Cross-utterance ASR Rescoring with Graph-based Label Propagation
Srinath Tankasala, Long Chen, Andreas Stolcke, Anirudh Raju, Qianli Deng, Chander Chandak, Aparna Khare, Roland Maas, Venkatesh Ravichandran
TL;DR
This paper tackles majoritarian bias in ASR by moving beyond single-utterance rescoring and leveraging cross-utterance acoustic similarity. It introduces a graph-based label propagation framework that operates on a finite label set derived from the union of $N$-best hypotheses and uses a DTW-based distance $d{-}DTW_{norm}$ over RNN-T encoder embeddings to form utterance graphs.
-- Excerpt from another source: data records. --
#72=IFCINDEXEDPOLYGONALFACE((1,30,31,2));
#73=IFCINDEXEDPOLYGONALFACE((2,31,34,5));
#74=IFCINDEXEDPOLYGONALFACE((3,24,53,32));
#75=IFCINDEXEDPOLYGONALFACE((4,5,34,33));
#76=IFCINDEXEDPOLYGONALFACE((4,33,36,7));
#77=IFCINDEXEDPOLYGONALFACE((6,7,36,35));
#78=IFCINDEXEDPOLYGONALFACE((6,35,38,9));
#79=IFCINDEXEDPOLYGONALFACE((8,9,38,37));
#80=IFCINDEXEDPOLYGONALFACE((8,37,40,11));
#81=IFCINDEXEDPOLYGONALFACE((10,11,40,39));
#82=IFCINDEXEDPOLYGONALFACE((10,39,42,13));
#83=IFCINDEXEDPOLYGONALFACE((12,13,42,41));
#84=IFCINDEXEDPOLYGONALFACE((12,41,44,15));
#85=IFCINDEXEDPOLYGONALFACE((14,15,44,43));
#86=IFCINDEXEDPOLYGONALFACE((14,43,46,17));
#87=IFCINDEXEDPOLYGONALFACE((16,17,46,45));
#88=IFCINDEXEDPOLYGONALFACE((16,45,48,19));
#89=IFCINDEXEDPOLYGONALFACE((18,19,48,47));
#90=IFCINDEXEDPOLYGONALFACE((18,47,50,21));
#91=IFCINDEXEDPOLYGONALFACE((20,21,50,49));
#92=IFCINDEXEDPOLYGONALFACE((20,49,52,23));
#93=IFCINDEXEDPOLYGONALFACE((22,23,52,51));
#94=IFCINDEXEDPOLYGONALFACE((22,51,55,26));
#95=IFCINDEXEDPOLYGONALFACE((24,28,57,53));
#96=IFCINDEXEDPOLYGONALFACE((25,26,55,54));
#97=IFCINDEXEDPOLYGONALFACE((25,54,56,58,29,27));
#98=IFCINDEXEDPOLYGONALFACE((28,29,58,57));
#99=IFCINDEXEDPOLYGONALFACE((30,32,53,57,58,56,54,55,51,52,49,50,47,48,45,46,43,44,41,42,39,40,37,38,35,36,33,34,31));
Soft, probabilistic labels initialized from the baseline model propagate through the graph to jointly rescore across utterances, enabling label sharing across similar utterances and potentially recovering hypotheses outside the initial $N$-best list. Experiments on LibriSpeech and VCTK demonstrate improved WER and SER across accents, highlighting the method’s ability to mitigate biases and enhance offline ASR performance without domain-specific model adaptation.
Abstract
We propose a novel approach for ASR N-best hypothesis rescoring with graph-based label propagation by leveraging cross-utterance acoustic similarity. In contrast to conventional neural language model (LM) based ASR rescoring/reranking models, our approach focuses on acoustic information and conducts the rescoring collaboratively among utterances, instead of individually. Experiments on the VCTK dataset demonstrate that our approach consistently improves ASR performance, as well as fairness across speaker groups with different accents. Our approach provides a low-cost solution for mitigating the majoritarian bias of ASR systems, without the need to train new domain- or accent-specific models.